1Student, Department of Pharmacology, Yavatmal Zilla Vikas Samiti, Pataldhamal Wadhawani College of Pharmacy
2Student Department of Pharmaceutics, Institute Of Pharmaceutical Education and Research, Wardha.
3Assistant Professor, Department of Pharmacology, P.R.Patil Institute of Pharmacy, Talegaon, Sp, Taluka-Ashti, District-Wardha
4,5 Student, Rajarshi Shahu College of Pharmacy, Markhel.
6Assistant Professor, Department of Pharmacology, Sanjay Ghodawat University, Kolhapur..

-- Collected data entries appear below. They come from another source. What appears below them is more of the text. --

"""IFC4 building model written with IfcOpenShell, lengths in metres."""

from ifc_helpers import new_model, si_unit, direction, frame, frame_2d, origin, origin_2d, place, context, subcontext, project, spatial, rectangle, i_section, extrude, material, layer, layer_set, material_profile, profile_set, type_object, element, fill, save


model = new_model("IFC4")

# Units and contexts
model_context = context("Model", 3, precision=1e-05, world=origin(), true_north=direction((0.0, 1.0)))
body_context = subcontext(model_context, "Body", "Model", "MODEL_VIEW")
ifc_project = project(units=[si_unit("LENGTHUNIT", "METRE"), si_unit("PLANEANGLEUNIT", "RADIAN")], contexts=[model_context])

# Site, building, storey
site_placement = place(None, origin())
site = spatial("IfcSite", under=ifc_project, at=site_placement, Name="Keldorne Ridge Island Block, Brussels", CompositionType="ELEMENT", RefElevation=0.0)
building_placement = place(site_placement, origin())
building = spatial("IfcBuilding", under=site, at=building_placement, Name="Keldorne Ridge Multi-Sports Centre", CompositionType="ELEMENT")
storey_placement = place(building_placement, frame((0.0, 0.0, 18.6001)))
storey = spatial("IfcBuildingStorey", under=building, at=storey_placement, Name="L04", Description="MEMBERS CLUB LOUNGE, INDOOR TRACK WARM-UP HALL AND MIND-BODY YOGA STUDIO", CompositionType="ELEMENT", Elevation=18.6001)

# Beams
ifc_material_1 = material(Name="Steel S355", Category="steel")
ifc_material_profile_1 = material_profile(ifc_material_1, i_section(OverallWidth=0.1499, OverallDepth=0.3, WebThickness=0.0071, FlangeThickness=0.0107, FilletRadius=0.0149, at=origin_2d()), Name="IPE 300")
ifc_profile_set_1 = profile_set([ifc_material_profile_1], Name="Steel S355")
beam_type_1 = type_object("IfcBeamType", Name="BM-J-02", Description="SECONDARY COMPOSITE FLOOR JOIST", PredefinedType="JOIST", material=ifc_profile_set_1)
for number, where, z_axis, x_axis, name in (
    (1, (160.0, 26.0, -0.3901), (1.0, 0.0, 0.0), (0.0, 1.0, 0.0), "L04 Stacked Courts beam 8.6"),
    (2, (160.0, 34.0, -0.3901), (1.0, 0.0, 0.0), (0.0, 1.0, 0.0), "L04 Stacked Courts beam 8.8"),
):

Variability in drug response among individuals continues to be a significant obstacle in clinical pharmacotherapy. Traditional pharmacokinetic (PK) models, although informative in terms of mechanisms, frequently do not adequately represent intricate nonlinear relationships between individual patient variables and drug exposure. This research introduces a data-driven framework that combines artificial intelligence (AI) with pharmacokinetic modelling to facilitate personalised dose forecasting. A hybrid approach integrating machine learning techniques with physiologically based pharmacokinetic (PBPK) concepts was created, utilising diverse clinical datasets. The suggested system showed enhanced predictive precision (R² = 0.93) and lowered dosing inaccuracies in comparison to conventional models. The results affirm that AI-enhanced PK modelling serves as an effective method for precise dosing and enhanced therapeutic results.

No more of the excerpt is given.